Deadlines: The valuation was arrived at before the global extent of the coronavirus outbreak was known, and the November 2019 deal has a long stop date of June 30, 2020

Deal Advisors: Anjarwalla & Khanna (legal) and Dyer & Blair Investment Bank (valuation). Three independent, non-executive, directors of Scangroup, Patricia Ithau, Richard Omwela and Pratul Shah, oversaw the transaction details on behalf of shareholders. 

Edits: (May 29)

  • Final Results of the vote, that had been audited by PwC were published on the Scangroup website early on Friday May 29. They showed that 88% of the registered owners had participated and had voted 99.98% in favor of the Kantar deal.
  • Here is a video stream of the EGM
  • Here are the questions posed by shareholders ahead of the meeting and responses from Scangroup.

Edit (August 7): Scangroup booked a net gain on disposal of Kshs 2.24 billion in the sale, in the first half of 2020 and reported sales of Kshs 1.09 billion down from Kshs 1.37 billion, with the dip attributed to advertising cutback by clients during COVID. It also booked Kshs 329 million as a provision from bad debts owed by a parastatal (government agency) client, a sharp rise from 53 million in the same period the previous year, and an operating loss of Kshs -267 million, for the period.

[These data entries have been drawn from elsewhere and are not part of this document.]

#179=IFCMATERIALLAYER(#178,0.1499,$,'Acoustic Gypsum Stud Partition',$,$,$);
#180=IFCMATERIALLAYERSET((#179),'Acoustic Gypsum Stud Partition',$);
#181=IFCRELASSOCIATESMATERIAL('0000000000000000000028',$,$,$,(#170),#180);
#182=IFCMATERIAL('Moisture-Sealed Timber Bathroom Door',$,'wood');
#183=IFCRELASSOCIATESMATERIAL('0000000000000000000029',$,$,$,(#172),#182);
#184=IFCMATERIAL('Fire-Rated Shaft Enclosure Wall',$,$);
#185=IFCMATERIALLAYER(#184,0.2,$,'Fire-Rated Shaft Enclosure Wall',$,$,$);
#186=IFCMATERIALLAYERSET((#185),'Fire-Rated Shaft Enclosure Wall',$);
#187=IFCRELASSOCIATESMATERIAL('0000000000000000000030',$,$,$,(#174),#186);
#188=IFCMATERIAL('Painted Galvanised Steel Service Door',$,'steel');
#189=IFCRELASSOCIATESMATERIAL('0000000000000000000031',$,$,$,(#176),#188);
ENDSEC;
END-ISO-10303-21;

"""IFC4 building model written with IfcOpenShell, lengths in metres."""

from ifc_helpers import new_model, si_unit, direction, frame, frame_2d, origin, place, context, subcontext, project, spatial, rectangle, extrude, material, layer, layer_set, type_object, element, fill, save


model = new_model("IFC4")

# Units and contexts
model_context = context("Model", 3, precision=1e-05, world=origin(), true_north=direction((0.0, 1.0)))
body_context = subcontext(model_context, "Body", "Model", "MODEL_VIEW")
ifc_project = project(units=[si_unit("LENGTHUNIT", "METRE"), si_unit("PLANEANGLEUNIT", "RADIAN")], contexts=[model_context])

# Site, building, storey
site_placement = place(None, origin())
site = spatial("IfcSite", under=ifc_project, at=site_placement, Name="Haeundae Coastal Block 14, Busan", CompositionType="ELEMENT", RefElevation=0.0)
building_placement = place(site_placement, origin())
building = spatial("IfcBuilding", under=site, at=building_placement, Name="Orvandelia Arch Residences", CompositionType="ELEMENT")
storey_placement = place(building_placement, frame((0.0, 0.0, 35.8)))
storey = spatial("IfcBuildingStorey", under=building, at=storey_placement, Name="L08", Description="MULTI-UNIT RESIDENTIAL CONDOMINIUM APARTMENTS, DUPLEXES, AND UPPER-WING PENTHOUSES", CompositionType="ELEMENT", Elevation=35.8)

But as a result of the sale of the discontinued operation, first-half profit was Kshs 1.5 billion, up from KShs 250 million in 2019, and a special interim dividend of Kshs 8 per share will be paid later this month.

$1 = Kshs 107.

NIC Bank shareholders approve merger with CBA at the 2019 AGM

NIC Bank shareholders met for their 2019 annual general meeting and approved a merger with CBA bank, creating Kenya’s second-largest bank (by customer deposits), a day after CBA shareholders had approved the same deal.

The merged bank will have about a 10% share of banking assets, deposits, and loans in Kenya. It will encompass the two groups serving over 41 million customers and their banking entities in Kenya, insurance (CBA Insurance and NIC Insurance), investment banking & stockbroking (CBA Capital, NIC Capital, NIC Securities), and regional subsidiaries in Tanzania (both banks), Uganda, (both banks) and Rwanda (CBA) and Côte d’Ivoire where MoMoKash is a CBA partnership with MTN and Bridge Group.

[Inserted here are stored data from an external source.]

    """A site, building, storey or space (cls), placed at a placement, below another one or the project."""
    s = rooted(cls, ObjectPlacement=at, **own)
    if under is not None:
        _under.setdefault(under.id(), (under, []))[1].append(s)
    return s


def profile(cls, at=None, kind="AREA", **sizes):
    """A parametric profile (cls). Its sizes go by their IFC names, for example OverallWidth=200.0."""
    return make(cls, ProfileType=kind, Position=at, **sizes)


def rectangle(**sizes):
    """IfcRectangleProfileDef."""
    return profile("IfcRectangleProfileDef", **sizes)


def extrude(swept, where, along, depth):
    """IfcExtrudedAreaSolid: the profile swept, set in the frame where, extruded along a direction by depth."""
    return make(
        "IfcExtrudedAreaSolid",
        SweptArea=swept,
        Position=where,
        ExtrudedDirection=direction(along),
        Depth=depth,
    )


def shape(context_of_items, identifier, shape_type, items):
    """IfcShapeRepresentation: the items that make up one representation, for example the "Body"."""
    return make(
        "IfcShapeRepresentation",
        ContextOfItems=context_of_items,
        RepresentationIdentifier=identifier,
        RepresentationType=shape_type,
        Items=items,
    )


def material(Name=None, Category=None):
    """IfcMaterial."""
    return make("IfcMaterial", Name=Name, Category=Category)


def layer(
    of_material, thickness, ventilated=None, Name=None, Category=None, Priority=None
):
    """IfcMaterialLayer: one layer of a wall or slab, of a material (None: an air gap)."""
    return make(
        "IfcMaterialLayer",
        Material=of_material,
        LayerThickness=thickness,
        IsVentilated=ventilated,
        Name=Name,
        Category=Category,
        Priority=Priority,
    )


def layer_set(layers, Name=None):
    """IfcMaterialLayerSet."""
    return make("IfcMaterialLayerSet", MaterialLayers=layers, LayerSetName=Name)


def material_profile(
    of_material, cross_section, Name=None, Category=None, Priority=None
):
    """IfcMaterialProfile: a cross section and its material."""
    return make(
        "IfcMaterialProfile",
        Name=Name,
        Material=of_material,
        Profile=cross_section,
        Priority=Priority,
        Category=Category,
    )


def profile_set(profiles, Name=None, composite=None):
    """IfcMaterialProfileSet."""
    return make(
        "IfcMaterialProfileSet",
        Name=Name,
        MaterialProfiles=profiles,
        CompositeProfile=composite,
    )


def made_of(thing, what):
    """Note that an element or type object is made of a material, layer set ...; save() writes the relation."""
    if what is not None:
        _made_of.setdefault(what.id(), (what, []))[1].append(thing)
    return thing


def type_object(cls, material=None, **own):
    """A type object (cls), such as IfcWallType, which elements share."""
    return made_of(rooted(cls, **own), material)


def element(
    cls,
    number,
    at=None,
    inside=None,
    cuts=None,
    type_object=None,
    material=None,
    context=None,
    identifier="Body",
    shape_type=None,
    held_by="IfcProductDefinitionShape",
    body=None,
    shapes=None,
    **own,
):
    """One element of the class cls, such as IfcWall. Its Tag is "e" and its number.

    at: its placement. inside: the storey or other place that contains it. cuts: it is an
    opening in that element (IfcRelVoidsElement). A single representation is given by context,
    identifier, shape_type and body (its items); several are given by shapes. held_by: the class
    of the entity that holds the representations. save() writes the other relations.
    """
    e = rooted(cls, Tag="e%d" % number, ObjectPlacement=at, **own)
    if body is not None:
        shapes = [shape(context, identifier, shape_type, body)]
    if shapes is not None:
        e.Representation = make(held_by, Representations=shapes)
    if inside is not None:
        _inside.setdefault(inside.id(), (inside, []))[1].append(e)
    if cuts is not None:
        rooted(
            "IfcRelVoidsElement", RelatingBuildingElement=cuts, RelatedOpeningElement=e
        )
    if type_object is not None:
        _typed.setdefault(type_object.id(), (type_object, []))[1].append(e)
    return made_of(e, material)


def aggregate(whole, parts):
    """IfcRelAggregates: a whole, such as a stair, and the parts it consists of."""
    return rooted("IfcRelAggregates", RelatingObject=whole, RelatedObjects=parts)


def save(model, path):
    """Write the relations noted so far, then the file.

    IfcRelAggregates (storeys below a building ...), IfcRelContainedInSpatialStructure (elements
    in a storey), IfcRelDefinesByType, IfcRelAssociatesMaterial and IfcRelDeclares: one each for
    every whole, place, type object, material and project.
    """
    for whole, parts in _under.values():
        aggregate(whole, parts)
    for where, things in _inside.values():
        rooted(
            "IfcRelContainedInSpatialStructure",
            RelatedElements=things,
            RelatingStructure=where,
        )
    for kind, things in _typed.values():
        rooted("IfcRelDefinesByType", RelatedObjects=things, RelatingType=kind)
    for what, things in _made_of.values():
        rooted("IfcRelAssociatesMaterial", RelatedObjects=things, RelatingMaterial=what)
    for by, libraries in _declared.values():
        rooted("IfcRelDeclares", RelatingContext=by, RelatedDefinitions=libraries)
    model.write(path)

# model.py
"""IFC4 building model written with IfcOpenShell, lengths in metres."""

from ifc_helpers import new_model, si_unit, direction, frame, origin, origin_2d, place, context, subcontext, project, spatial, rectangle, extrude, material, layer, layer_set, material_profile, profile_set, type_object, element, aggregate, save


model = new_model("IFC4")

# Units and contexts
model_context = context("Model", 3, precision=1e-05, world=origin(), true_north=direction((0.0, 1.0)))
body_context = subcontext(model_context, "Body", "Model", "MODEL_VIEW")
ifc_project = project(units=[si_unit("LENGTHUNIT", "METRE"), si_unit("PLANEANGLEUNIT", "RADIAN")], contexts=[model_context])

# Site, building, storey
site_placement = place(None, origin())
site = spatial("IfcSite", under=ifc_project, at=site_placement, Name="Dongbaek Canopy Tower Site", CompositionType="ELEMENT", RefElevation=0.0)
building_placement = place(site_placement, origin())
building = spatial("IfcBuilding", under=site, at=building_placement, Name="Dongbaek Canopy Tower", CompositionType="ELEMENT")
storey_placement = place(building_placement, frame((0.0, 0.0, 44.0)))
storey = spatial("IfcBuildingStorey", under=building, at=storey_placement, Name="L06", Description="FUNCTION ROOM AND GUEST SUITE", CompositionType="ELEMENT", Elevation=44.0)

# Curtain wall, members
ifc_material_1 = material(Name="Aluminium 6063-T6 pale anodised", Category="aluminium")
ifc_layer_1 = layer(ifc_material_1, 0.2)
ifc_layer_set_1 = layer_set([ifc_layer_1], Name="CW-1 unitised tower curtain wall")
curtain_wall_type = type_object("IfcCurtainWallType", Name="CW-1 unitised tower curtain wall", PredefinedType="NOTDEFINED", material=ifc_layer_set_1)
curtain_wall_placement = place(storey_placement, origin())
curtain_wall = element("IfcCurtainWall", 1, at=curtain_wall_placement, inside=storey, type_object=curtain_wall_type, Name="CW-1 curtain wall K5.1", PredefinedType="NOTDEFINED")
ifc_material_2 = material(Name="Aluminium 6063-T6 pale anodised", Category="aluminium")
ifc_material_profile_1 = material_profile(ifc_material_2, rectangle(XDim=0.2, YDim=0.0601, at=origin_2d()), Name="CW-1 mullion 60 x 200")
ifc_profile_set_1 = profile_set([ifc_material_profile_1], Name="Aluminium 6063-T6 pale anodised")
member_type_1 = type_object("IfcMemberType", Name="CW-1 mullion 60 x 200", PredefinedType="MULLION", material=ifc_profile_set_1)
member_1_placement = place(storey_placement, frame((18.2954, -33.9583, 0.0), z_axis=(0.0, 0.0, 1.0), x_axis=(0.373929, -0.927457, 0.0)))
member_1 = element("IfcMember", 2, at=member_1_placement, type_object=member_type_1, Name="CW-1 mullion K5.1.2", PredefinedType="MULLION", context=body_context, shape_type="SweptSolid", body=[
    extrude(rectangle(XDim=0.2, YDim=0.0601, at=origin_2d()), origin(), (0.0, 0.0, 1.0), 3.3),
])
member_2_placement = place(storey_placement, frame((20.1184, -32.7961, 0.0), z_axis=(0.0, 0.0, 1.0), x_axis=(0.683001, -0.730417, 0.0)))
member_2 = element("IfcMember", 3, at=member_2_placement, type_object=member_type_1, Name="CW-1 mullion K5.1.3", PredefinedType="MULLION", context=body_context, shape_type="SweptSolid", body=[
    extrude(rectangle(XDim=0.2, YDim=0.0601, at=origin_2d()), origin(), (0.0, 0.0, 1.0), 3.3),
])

Group Managing Director John Gachora said scale is important in banking and that by merging NIC, which is known for asset finance and corporate banking, with CBA, which has desirable mobile banking and high net worth businesses, they would be the largest bank by customer numbers in Africa. CBA will be 53% shareholders in the merged bank.

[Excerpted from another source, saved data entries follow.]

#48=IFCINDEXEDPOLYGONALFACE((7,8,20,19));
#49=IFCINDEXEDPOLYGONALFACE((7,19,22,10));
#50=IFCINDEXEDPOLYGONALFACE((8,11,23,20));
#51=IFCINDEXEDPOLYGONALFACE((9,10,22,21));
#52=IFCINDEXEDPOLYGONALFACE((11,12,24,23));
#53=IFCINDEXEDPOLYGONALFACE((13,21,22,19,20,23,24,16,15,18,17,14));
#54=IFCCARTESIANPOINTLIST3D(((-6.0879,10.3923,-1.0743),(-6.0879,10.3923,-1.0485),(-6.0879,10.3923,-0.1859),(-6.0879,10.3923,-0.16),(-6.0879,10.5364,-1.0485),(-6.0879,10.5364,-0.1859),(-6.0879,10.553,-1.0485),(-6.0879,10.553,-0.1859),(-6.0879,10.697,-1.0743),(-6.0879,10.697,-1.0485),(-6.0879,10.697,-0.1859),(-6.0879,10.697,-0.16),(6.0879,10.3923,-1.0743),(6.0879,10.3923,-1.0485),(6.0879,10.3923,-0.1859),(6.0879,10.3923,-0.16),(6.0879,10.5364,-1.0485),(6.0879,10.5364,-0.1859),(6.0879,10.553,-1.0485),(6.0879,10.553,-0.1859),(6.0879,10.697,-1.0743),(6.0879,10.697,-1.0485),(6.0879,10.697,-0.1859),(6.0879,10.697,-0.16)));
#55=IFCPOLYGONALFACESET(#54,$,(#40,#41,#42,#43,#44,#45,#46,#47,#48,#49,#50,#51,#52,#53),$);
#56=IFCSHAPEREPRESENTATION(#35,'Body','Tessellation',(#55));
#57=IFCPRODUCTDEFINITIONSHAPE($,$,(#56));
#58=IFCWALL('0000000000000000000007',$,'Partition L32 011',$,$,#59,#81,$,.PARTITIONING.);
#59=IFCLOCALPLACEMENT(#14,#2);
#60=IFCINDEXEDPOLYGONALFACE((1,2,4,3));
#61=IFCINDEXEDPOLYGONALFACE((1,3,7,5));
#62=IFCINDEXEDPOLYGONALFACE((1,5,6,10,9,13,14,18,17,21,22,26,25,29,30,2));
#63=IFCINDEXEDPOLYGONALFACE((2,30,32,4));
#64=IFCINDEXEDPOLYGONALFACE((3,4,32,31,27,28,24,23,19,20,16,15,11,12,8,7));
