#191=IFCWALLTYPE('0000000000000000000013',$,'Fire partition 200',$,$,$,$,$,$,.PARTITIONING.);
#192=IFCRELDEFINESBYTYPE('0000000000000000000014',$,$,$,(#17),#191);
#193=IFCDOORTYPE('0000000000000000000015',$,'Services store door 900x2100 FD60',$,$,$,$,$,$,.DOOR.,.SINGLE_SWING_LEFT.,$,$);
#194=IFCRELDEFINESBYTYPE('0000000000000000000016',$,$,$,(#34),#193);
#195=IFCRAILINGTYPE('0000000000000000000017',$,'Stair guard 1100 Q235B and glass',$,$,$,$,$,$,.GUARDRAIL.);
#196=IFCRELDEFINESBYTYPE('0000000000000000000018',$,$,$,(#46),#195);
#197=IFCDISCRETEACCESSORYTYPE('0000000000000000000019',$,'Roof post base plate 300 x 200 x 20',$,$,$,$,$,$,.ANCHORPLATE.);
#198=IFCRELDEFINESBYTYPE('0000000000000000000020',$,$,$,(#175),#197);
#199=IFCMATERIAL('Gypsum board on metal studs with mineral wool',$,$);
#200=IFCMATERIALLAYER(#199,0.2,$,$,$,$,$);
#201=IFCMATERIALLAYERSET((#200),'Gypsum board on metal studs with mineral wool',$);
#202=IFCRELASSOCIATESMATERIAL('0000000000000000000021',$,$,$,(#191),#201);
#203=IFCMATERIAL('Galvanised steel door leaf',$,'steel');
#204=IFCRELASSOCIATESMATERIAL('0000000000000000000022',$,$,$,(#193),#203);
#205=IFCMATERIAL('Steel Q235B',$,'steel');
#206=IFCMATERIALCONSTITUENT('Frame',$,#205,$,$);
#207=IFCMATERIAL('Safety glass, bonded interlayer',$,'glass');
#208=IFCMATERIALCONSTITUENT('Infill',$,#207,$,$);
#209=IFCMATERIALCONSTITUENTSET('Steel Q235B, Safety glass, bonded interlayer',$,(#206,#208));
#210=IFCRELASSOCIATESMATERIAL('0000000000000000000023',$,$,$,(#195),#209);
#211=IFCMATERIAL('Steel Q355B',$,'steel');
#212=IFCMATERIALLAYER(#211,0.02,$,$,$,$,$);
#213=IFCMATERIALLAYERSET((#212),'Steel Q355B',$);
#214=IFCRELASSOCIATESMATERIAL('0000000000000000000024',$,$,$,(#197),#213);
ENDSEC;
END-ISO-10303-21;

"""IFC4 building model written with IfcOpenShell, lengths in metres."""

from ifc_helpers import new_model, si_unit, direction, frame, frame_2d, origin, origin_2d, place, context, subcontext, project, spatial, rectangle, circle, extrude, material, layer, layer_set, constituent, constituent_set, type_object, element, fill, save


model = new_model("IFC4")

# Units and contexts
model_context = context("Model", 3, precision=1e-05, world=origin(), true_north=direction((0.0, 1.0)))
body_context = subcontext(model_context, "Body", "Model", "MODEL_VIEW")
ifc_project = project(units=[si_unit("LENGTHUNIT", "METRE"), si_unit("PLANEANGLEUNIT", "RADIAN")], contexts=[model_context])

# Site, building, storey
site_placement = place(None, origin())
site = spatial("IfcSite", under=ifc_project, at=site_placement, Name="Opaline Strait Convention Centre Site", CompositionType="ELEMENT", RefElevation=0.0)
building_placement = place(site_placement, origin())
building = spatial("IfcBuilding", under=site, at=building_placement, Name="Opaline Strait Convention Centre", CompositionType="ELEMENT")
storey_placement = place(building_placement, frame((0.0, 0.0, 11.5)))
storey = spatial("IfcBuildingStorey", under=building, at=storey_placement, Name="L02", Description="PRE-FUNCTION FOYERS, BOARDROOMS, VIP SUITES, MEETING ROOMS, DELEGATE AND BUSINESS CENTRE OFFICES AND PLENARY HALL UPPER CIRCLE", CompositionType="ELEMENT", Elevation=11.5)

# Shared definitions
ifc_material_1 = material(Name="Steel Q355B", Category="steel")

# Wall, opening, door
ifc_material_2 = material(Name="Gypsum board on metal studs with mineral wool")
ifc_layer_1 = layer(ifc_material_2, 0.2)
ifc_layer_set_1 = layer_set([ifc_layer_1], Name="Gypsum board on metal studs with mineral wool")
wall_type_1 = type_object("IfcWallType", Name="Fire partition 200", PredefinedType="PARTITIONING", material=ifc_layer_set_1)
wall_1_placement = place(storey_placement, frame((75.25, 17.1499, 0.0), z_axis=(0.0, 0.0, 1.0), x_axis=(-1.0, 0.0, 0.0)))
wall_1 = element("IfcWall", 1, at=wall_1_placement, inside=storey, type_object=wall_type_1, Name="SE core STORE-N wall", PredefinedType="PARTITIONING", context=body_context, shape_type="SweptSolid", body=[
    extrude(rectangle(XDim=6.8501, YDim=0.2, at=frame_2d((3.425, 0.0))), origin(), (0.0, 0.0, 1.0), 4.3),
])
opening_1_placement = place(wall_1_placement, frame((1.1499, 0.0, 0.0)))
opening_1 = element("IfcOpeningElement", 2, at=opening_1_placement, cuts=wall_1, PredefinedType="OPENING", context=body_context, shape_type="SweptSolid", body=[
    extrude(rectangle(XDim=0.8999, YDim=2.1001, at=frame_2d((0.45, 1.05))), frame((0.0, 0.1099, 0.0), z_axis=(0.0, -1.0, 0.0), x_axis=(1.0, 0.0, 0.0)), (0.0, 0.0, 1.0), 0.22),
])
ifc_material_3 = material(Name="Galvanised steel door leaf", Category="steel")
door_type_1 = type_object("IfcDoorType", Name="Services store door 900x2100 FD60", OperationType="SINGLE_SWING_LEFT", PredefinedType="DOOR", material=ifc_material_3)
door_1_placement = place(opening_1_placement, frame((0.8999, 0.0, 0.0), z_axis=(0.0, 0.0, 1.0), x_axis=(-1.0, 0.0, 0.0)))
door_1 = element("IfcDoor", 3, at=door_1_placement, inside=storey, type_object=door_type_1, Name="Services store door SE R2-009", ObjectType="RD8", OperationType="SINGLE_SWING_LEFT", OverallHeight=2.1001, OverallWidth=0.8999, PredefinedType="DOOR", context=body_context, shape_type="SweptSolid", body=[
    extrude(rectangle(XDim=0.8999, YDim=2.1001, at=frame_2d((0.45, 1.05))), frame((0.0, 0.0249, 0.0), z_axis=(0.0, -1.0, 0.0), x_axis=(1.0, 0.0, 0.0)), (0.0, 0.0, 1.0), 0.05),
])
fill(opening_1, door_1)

NIC turns 60 this year, and in 2019, their focus will be on getting to Tier I ranking through the merger, and getting regulatory approvals after they had obtained shareholder approvals.  Directors also got approval to effect a name change (already under consideration) and the right to dispose of up to 10% of the assets of the bank without reverting back to shareholders. They will also create an employee share option program (ESOP) to retain key staff, and CBA, who already have an ESOP for their veteran staff (that owns 2.5% of that bank), will fold itself into the new incentive scheme. Other conditions of the merger include obtaining a waiver of capital gains and stamp duty tax in Kenya, approval of regulators in different countries, and approval of landlords and financial partners.

EDIT In May 2019, The Competition Authority of Kenya approved the merger of NIC and CBA banks on condition that none of the 1,872 employees of the merged entity are declared redundant for 12 months after completion of the transaction.